Shareholders Agreements

Most of the time, shareholders cooperate with each other without regard to a formal agreement. However, you need a shareholders agreement to cover problems like a dispute or a shareholder dying or losing capacity. It is far better to agree on the solution to problems while the shareholders are cooperative than to wait until a problem arises.

How useful are standard shareholders agreements?

Most shareholders agreements are based on standard formats. Solicitors generally have one or two favourites, and many can be found on the Internet. Usually, solicitors do no more than insert the names and addresses of the parties and the company into a standard agreement.

Standard shareholders agreements cover things like holding company meetings and preparing accounts of the company. They almost always look formal and impressive. However, there is no need for a shareholders agreement to cover these things while the company is running smoothly, and the shareholders are cooperating.

In fact, once you have a signed shareholders agreement, you will probably never look at it again unless something goes wrong, like a falling out between shareholders or shareholder dying. In most cases, standard shareholders agreements give little help in sorting out these problems.

What should be covered in a shareholders agreement?

With the assistance of an experienced lawyer, the shareholders should discuss and agree on how the shareholders agreement should cover the following points.

  • What decisions need to be unanimous, and what decisions can be made by a majority?
  • What happens if a shareholder dies or becomes incapacitated?
  • What happens if a shareholder wants to leave?
  • What happens if a majority wish to evict a shareholder?
  • Dispute resolution.
  • If a shareholder leaves, what restrictions are placed on:
    • Poaching clients.
    • Poaching staff.
    • Setting up a competing business nearby?

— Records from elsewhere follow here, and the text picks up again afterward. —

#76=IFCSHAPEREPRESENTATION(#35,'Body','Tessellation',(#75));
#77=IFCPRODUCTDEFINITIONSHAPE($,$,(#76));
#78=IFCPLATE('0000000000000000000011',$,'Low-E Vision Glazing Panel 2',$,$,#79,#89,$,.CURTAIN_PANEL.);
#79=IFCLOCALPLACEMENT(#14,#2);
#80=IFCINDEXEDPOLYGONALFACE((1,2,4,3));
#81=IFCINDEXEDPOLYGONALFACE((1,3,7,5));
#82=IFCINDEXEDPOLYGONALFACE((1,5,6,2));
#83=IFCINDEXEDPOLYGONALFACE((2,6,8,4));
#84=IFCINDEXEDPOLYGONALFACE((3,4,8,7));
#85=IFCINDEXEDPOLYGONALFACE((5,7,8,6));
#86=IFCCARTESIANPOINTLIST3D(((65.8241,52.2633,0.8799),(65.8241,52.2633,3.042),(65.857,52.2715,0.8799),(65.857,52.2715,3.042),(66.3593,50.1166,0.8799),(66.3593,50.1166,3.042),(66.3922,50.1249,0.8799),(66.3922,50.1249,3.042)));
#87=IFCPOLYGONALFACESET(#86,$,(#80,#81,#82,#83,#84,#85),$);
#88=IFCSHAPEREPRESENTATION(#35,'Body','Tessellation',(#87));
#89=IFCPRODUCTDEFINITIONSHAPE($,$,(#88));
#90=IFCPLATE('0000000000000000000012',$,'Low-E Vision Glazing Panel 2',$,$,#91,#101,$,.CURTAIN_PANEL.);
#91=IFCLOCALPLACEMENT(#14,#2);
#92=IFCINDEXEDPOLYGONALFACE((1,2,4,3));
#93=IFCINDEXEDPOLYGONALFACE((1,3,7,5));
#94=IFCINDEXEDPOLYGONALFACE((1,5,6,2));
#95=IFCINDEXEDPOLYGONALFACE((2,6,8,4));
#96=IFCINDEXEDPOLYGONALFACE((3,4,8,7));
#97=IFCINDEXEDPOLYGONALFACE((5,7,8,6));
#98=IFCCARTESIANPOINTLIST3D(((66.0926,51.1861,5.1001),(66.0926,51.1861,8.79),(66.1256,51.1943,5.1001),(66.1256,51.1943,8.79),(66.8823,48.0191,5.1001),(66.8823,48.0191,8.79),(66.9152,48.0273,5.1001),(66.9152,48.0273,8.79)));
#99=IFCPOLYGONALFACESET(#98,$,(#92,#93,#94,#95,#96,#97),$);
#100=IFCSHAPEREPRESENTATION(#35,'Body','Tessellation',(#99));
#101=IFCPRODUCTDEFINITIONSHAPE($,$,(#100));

What if a shareholder wishes to withdraw?

This is probably the most important issue to cover in a shareholders agreement. The goal should be that a shareholder can leave if they wish and be paid out an agreed value for their shareholding. If possible, the shareholders agreement should be able to determine the amount to be paid and when it should be paid, without any dispute.

Most shareholders agreements skirt around this topic by simply inserting a right of first refusal. These clauses say that a shareholder who wants to leave can sell their shares to third party provided they first offer them to the existing shareholders at the same price. No third party will agree to buy into a private company if the existing shareholders do not want them. This means that the outgoing shareholder is at the mercy of the remaining shareholders. Accordingly, these clauses are completely useless and give no help to the parties in sorting out their problems when a shareholder wishes to leave.

Again, you cannot assume that one size fits all. The issue should be carefully discussed, so that appropriate clauses can be put in the shareholders agreement.